I don’t know how this stacks up with the Tesla batteries but I would not be surprised if this is the next generation. GM does not have people throwing money at them. They need to be careful and spend on projects that will leapfrog the competition.

crazyguy's avatar

@LuckyGuy Are we talking about the same General Motors that needed a bail-out of about $50 billion in 2009?

LuckyGuy's avatar

@crazyguy Yep. The same. General Motors. The one that employs 200,000 people and has legacy pension expenses for 870,000 retirees.
And has facilities and factories all over the world churning out 6.8 million vehicles annually with sales of $122 Billion. (2020)
That General Motors.

Tesla numbers for comparison: 70,000 employees, 500,000 vehicles, revenues $8.8 billion
And that was with the $7,500 electric vehicle subsidy which has recently ended. $7,500×500,000 = $3.7 Billion. That Tesla.

crazyguy's avatar

So you do admit that your earlier statement: GM does not have people throwing money at them. was absolutely false. In fact the US lost over $11 billion on the bailout. See
https://www.reuters.com/article/us-autos-gm-treasury/u-s-government-says-it-lost-11-2-billion-on-gm-bailout-idUSBREA3T0MR20140430

stanleybmanly's avatar

You’re right the GOVERNMENT bailed GM out. Tesla, however is not “too big to fail”. Would that it were only our “big three” that Tesla was up against. However, outfits like BMW or Toyota are massive operations which unlike Tesla, do not operate at a constant loss from places where short term quarterly profit is the be all and end all of “investment”. They also have the crushing advantage of cutting edge technology with the depth of reserves to quickly bring their discoveries to bear and implement those of Tesla as well. And they can only achieve this without suffering the consequences of manufacturing in a place no longer able avail itself of a functioning industrial sector. Then there is the final and crucial advantage defining BMW or Mercedes proficiency in cleaning our clock — they are allowed to produce minus the crippling financial and bureaucratic nightmares saddling our automakers—health care expenses being first and foremost.

ragingloli's avatar

@stanleybmanly
They are also heavily involved in motorsports, and the associated development of actual racing cars.
Wake me up when Tesla decides to compete at Le Mans.

gorillapaws's avatar

@ragingloli “Not if that design abomination that is his “Cybertruck” is anything to go by…”

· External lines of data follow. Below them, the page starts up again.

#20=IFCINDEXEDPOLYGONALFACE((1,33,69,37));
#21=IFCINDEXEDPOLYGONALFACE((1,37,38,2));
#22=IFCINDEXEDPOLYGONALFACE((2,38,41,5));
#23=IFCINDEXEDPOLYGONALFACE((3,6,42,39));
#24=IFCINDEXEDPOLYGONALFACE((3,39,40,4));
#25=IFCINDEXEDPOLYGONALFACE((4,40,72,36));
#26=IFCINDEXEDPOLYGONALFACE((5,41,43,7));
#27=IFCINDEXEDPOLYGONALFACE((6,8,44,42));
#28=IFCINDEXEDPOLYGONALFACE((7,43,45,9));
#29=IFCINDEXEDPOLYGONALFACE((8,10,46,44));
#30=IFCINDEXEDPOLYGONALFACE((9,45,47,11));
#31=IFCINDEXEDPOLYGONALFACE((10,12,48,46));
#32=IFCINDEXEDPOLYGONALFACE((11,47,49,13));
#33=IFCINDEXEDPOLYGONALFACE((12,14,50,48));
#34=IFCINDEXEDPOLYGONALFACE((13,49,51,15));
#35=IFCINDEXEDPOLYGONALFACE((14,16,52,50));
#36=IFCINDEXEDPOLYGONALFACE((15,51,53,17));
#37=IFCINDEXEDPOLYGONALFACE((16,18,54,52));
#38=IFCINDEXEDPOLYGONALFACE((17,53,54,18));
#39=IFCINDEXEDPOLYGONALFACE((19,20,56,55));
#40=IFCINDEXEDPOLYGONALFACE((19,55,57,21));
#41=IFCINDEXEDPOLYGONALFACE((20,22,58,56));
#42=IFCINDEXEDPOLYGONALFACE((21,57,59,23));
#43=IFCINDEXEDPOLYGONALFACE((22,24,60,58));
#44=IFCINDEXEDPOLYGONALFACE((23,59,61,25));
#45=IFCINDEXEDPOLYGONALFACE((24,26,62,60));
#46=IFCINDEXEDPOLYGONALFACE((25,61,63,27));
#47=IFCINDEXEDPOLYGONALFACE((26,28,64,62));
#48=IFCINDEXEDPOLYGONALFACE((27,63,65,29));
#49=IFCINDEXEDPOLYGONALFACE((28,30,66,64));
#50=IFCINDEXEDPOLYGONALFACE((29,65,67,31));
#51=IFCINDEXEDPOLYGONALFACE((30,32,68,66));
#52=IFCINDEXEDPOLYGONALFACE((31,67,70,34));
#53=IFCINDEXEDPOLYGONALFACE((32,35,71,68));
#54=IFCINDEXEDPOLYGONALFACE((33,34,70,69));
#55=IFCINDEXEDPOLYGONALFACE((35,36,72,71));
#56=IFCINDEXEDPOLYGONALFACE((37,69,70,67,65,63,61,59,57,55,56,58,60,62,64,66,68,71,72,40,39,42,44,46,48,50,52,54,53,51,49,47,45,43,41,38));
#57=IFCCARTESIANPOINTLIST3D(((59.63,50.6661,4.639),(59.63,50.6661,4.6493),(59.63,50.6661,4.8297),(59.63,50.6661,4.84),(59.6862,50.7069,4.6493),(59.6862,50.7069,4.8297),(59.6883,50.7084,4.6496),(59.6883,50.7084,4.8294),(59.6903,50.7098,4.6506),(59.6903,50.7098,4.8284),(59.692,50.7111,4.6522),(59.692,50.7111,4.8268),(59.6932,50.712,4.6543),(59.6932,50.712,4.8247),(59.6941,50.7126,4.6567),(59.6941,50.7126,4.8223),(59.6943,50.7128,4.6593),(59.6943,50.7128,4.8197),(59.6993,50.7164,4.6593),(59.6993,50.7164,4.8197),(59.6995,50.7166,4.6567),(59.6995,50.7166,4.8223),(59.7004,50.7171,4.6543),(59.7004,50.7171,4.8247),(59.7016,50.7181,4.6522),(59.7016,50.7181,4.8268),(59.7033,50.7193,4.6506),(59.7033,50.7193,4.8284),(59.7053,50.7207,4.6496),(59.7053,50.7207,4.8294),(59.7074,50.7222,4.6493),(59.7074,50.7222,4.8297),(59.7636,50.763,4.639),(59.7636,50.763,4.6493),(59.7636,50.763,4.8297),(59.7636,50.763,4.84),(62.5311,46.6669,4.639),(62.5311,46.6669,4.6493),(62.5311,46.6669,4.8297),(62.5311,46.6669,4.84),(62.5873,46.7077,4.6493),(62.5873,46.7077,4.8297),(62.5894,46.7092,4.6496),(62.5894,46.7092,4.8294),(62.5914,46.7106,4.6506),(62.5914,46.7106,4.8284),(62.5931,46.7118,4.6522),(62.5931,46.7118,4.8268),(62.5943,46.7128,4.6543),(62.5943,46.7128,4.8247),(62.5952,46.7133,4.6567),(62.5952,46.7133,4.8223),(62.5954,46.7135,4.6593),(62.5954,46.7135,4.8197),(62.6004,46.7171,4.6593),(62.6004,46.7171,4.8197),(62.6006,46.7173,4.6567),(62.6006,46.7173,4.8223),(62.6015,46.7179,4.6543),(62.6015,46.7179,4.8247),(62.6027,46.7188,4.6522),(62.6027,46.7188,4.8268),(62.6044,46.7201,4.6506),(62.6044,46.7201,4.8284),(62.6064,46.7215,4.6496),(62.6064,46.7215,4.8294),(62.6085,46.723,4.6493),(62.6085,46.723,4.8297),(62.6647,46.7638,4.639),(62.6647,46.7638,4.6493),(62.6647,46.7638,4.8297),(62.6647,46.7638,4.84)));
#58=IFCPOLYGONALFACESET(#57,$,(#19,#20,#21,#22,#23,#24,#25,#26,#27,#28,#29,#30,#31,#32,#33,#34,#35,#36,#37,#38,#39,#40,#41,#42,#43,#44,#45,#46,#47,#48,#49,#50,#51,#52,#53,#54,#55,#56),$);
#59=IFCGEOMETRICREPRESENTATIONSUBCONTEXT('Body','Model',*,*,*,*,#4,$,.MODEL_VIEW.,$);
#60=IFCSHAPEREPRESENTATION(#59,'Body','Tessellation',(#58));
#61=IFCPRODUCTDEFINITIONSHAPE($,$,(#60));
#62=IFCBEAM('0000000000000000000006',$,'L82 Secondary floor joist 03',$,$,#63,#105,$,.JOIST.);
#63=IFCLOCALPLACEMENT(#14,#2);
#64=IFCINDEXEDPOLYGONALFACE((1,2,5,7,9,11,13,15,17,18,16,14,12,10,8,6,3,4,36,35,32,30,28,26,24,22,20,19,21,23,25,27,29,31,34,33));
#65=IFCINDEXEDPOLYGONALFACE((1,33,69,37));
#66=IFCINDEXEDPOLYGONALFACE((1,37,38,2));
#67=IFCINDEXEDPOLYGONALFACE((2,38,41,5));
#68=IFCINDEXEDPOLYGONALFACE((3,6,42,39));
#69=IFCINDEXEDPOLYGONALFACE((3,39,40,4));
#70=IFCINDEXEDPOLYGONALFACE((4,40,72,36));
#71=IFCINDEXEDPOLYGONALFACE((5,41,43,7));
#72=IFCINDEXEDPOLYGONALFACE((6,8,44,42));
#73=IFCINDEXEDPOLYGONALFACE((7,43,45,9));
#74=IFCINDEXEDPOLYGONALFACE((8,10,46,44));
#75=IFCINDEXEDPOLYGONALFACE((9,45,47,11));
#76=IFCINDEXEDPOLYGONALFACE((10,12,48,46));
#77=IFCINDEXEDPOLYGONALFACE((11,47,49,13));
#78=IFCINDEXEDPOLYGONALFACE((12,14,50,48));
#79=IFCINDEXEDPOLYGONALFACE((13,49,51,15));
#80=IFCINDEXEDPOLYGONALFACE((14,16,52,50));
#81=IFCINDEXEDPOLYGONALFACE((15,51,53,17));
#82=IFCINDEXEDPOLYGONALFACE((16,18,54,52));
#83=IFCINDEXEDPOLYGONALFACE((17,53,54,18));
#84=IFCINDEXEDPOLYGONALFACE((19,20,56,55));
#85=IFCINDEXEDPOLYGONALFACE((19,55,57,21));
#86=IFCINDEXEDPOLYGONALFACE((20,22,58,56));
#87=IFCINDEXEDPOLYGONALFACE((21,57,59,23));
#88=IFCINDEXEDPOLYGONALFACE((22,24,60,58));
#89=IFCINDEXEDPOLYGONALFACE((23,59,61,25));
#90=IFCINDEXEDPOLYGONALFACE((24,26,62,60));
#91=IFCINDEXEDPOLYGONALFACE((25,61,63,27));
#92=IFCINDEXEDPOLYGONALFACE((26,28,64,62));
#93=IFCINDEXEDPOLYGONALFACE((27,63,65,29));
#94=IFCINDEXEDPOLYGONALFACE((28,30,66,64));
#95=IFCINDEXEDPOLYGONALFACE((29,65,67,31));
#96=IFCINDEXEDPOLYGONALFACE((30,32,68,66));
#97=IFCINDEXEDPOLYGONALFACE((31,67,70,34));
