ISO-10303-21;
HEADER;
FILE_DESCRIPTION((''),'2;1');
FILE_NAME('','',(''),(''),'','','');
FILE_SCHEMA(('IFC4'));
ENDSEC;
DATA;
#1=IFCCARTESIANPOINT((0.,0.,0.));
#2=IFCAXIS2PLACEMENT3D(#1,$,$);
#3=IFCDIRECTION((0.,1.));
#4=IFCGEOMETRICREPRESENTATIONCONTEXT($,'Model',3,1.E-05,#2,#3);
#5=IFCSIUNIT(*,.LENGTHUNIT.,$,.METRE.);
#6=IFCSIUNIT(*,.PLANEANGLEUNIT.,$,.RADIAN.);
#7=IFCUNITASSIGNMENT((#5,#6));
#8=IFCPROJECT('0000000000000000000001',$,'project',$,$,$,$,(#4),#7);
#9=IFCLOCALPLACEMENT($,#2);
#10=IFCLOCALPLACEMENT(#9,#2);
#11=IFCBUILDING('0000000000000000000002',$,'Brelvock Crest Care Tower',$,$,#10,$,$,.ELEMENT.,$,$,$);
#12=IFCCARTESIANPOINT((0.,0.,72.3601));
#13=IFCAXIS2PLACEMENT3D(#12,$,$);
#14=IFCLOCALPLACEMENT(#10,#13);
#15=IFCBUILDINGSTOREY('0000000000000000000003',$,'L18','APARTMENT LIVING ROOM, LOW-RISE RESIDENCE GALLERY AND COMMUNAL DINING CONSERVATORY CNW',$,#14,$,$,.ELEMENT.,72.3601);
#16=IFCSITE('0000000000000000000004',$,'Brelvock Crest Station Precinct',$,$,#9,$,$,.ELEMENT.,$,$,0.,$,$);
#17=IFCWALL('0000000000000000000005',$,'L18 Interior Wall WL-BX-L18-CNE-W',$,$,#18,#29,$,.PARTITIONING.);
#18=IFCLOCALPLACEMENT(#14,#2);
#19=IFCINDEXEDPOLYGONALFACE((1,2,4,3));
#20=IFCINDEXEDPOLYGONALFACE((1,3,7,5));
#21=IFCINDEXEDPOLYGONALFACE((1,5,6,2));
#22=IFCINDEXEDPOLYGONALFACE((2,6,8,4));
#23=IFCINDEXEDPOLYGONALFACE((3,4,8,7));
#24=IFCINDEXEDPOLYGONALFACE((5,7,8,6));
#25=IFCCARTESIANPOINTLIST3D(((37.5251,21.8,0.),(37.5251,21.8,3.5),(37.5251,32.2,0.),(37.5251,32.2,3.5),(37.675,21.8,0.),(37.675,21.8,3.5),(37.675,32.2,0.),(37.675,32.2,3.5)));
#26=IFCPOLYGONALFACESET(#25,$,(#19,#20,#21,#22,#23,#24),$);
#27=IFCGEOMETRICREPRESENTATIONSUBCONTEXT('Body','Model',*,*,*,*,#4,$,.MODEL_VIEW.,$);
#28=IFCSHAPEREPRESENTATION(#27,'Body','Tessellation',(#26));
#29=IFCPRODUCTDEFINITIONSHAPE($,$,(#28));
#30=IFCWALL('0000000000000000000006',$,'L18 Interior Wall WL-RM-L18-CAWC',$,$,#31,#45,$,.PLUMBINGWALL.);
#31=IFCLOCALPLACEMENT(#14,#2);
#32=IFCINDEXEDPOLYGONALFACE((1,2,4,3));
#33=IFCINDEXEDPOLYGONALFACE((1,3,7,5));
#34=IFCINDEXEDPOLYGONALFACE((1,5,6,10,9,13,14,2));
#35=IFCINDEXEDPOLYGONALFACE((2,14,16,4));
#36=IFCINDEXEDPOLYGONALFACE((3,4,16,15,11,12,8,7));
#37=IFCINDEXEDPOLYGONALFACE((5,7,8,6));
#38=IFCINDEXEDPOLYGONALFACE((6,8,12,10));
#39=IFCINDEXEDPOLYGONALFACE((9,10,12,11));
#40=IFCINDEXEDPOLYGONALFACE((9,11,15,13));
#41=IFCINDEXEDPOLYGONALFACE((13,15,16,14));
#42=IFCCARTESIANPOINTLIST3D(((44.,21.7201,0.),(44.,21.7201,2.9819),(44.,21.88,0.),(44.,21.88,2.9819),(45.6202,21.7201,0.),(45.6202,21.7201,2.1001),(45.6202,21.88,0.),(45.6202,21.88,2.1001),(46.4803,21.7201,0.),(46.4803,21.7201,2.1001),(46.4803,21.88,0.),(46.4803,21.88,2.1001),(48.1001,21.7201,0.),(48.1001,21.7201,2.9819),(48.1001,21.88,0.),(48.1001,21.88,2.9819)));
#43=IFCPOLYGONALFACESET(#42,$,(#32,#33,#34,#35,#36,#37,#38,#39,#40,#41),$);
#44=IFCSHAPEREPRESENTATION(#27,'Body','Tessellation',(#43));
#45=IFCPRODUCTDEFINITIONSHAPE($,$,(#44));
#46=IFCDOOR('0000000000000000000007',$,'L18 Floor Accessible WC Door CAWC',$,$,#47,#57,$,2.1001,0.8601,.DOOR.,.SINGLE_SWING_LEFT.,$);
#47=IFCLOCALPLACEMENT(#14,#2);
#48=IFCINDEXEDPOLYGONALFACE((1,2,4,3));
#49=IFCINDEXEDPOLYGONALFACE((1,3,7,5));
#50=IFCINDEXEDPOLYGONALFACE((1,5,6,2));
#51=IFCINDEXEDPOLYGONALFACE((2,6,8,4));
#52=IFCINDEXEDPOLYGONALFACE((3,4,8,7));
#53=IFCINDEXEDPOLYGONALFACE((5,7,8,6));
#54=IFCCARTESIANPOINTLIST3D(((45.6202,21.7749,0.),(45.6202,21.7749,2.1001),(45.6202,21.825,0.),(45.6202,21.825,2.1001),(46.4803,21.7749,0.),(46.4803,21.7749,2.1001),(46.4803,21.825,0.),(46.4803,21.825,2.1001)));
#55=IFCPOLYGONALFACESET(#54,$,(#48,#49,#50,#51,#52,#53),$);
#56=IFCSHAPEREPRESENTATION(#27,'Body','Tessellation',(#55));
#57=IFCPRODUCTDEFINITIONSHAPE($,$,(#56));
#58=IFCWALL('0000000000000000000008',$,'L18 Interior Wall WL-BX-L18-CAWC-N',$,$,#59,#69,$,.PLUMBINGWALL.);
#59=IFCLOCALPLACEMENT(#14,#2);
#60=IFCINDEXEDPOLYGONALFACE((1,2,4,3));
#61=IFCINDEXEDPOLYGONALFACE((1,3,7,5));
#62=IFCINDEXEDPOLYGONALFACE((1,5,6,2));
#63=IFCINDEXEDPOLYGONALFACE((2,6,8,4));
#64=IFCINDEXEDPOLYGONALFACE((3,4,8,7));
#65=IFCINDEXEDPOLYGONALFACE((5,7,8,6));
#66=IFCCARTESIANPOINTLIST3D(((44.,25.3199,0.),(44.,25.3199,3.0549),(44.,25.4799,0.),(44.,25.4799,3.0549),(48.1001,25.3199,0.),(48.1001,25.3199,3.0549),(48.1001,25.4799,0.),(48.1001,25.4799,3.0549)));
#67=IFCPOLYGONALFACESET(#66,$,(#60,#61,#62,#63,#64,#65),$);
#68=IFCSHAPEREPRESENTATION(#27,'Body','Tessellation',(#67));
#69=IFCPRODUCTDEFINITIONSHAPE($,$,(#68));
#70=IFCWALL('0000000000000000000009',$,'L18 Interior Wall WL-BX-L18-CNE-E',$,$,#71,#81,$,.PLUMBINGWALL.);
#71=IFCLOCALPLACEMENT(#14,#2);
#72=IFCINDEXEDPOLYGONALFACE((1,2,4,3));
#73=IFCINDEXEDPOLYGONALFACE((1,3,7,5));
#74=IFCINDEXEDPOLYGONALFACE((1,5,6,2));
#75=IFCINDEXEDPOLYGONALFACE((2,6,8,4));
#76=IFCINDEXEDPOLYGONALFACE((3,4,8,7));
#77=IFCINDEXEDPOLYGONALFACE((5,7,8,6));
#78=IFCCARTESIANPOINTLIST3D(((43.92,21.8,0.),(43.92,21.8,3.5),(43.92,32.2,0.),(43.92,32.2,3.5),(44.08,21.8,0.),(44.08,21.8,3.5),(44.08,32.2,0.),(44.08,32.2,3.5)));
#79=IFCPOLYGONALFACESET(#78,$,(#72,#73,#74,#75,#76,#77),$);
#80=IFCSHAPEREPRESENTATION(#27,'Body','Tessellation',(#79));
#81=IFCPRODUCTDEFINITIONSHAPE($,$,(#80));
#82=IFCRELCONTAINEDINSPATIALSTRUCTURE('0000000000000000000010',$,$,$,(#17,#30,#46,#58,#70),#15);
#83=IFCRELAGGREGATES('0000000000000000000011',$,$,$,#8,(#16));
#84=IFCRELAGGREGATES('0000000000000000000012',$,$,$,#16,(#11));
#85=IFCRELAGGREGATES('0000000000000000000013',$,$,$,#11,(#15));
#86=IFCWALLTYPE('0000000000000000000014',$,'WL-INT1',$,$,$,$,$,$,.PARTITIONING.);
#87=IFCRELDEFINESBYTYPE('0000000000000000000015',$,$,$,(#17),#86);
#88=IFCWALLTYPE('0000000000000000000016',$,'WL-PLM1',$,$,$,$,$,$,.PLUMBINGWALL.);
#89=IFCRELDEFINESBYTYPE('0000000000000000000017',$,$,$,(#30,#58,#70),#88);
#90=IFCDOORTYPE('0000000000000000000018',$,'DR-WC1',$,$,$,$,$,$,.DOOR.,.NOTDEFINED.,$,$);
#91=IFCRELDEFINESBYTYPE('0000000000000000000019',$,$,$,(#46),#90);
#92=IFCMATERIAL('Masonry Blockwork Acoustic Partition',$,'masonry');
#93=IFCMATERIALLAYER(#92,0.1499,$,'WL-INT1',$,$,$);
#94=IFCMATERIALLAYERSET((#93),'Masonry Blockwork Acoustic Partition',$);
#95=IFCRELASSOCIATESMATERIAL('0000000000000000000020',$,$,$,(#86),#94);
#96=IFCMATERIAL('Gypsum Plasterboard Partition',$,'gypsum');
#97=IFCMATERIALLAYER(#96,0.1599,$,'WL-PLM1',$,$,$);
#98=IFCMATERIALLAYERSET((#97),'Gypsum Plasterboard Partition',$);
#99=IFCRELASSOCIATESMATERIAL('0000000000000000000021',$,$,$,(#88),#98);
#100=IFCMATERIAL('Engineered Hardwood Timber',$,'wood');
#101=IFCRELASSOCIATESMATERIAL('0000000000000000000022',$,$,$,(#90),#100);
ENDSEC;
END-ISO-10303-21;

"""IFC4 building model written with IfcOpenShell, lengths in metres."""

from ifc_helpers import new_model, si_unit, direction, frame, frame_2d, origin, origin_2d, place, context, subcontext, project, spatial, rectangle, extrude, source, transform, mapped, material, layer, layer_set, type_object, element, fill, save


model = new_model("IFC4")

# Units and contexts
model_context = context("Model", 3, precision=1e-05, world=origin(), true_north=direction((0.0, 1.0)))
body_context = subcontext(model_context, "Body", "Model", "MODEL_VIEW")
ifc_project = project(units=[si_unit("LENGTHUNIT", "METRE"), si_unit("PLANEANGLEUNIT", "RADIAN")], contexts=[model_context])

# Site, building, storey
site_placement = place(None, origin())
site = spatial("IfcSite", under=ifc_project, at=site_placement, Name="Brelvock Crest Station Precinct", CompositionType="ELEMENT", RefElevation=0.0)
building_placement = place(site_placement, origin())
building = spatial("IfcBuilding", under=site, at=building_placement, Name="Brelvock Crest Care Tower", CompositionType="ELEMENT")
storey_placement = place(building_placement, frame((0.0, 0.0, 72.3601)))
storey = spatial("IfcBuildingStorey", under=building, at=storey_placement, Name="L18", Description="APARTMENT LIVING ROOM, LOW-RISE RESIDENCE GALLERY AND COMMUNAL DINING CONSERVATORY CNW", CompositionType="ELEMENT", Elevation=72.3601)

# Shared definitions
ifc_material_1 = material(Name="Masonry Blockwork Acoustic Partition", Category="masonry")
ifc_layer_1 = layer(ifc_material_1, 0.1499, Name="WL-INT1")
ifc_layer_set_1 = layer_set([ifc_layer_1], Name="Masonry Blockwork Acoustic Partition")
wall_type_1 = type_object("IfcWallType", Name="WL-INT1", PredefinedType="PARTITIONING", material=ifc_layer_set_1)
ifc_material_2 = material(Name="Engineered Hardwood Timber", Category="wood")

# Wall
wall_1_placement = place(storey_placement, frame((37.6001, 21.8, 0.0), z_axis=(0.0, 0.0, 1.0), x_axis=(0.0, 1.0, 0.0)))
element("IfcWall", 1, at=wall_1_placement, inside=storey, type_object=wall_type_1, Name="L18 Interior Wall WL-BX-L18-CNE-W", PredefinedType="PARTITIONING", context=body_context, shape_type="SweptSolid", body=[
    extrude(rectangle(XDim=10.3999, YDim=0.1499, at=frame_2d((5.2, 0.0))), origin(), (0.0, 0.0, 1.0), 3.5),
])

# Wall, opening, door
ifc_material_3 = material(Name="Gypsum Plasterboard Partition", Category="gypsum")
ifc_layer_2 = layer(ifc_material_3, 0.1599, Name="WL-PLM1")
ifc_layer_set_2 = layer_set([ifc_layer_2], Name="Gypsum Plasterboard Partition")
wall_type_2 = type_object("IfcWallType", Name="WL-PLM1", PredefinedType="PLUMBINGWALL", material=ifc_layer_set_2)
wall_2_placement = place(storey_placement, frame((44.0, 21.8, 0.0), z_axis=(0.0, 0.0, 1.0), x_axis=(1.0, 0.0, 0.0)))
wall_2 = element("IfcWall", 2, at=wall_2_placement, inside=storey, type_object=wall_type_2, Name="L18 Interior Wall WL-RM-L18-CAWC", PredefinedType="PLUMBINGWALL", context=body_context, shape_type="SweptSolid", body=[
    extrude(rectangle(XDim=4.1001, YDim=0.1599, at=frame_2d((2.05, 0.0))), origin(), (0.0, 0.0, 1.0), 2.9819),
])
opening_1_placement = place(wall_2_placement, frame((1.6201, 0.0, 0.0)))
opening_1 = element("IfcOpeningElement", 3, at=opening_1_placement, cuts=wall_2, PredefinedType="OPENING", context=body_context, shape_type="SweptSolid", body=[
    extrude(rectangle(XDim=0.8601, YDim=2.1001, at=origin_2d()), frame((0.4302, 0.0898, 1.05), z_axis=(0.0, -1.0, 0.0), x_axis=(1.0, 0.0, 0.0)), (0.0, 0.0, 1.0), 0.1799),
])
door_type_1 = type_object("IfcDoorType", Name="DR-WC1", OperationType="NOTDEFINED", PredefinedType="DOOR", material=ifc_material_2)
shared_shape_1 = source(origin(), body_context, "Body", "SweptSolid", [
    extrude(rectangle(XDim=0.8601, YDim=2.1001, at=origin_2d()), frame((0.4302, 0.0249, 1.05), z_axis=(0.0, -1.0, 0.0), x_axis=(1.0, 0.0, 0.0)), (0.0, 0.0, 1.0), 0.05),
])
door_1_placement = place(opening_1_placement, origin())
door_1 = element("IfcDoor", 4, at=door_1_placement, inside=storey, type_object=door_type_1, Name="L18 Floor Accessible WC Door CAWC", OperationType="SINGLE_SWING_LEFT", OverallHeight=2.1001, OverallWidth=0.8601, PredefinedType="DOOR", context=body_context, shape_type="MappedRepresentation", body=[
    mapped(shared_shape_1, transform((0.0, 0.0, 0.0), x_axis=(1.0, 0.0, 0.0), y_axis=(0.0, 1.0, 0.0), z_axis=(0.0, 0.0, 1.0), scale=1.0)),
])
fill(opening_1, door_1)

# Walls
wall_3_placement = place(storey_placement, frame((44.0, 25.3999, 0.0), z_axis=(0.0, 0.0, 1.0), x_axis=(1.0, 0.0, 0.0)))
element("IfcWall", 5, at=wall_3_placement, inside=storey, type_object=wall_type_2, Name="L18 Interior Wall WL-BX-L18-CAWC-N", PredefinedType="PLUMBINGWALL", context=body_context, shape_type="SweptSolid", body=[
    extrude(rectangle(XDim=4.1001, YDim=0.1599, at=frame_2d((2.05, 0.0))), origin(), (0.0, 0.0, 1.0), 3.0549),
])
wall_4_placement = place(storey_placement, frame((44.0, 21.8, 0.0), z_axis=(0.0, 0.0, 1.0), x_axis=(0.0, 1.0, 0.0)))
element("IfcWall", 6, at=wall_4_placement, inside=storey, type_object=wall_type_2, Name="L18 Interior Wall WL-BX-L18-CNE-E", PredefinedType="PLUMBINGWALL", context=body_context, shape_type="SweptSolid", body=[
    extrude(rectangle(XDim=10.3999, YDim=0.1599, at=frame_2d((5.2, 0.0))), origin(), (0.0, 0.0, 1.0), 3.5),
])

save(model, "model.ifc")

I was shocked when I first saw it, but then it really grew on me. Here’s why it looks the way it does, and I think it’s illustrative of why Tesla is going to beat legacy auto in the long term. Tesla decides to not build it using the body-on-frame technique. Instead they use the skin of the vehicle as the “exoskeleton” structure. This saves weight and material, which increases range for the same quantity of batteries and ultimately cost. The body is extremely thick (apparently bulletproof) and cannot be pressed with conventional presses to make compound curves that we see on modern trucks. So if you have to design an aerodynamic truck with a 6.5 foot bed and can only use simple folding geometry, the Cybertruck’s design starts to make a lot of sense. It was designed to maximize utility. It’s rugged, efficient and will likely beat the pants off of all other trucks in it’s class. After fully understanding all of these details, I started to really admire the aesthetics because they come from a place of maximizing the design goals: having a sturdy truck that’s competitively price with reasonable range.

LuckyGuy's avatar

@crazyguy The government did bail them out. And GM did pay most of it back. (GM says it paid it all back but that is open for debate) Meanwhile that money was used to keep the factories running, the employees working and the retirees in Florida.. Not all, but most.

My point is that with all their employees, factories, high volume of production, and high sales GM’s market capitalization is $85 Billion today.
While Tesla with ⅓ the number of employees 1/10 the volume, 1/15 the sales, and ½0 the facilities.has a market cap of $640 Billion. Individual investors are throwing money at Musk so he can afford to try different things. His personal stock is worth about $110 Billion – more than twice the GM bailout. And that $110 Billion is going into one pocket: E. Musk’s.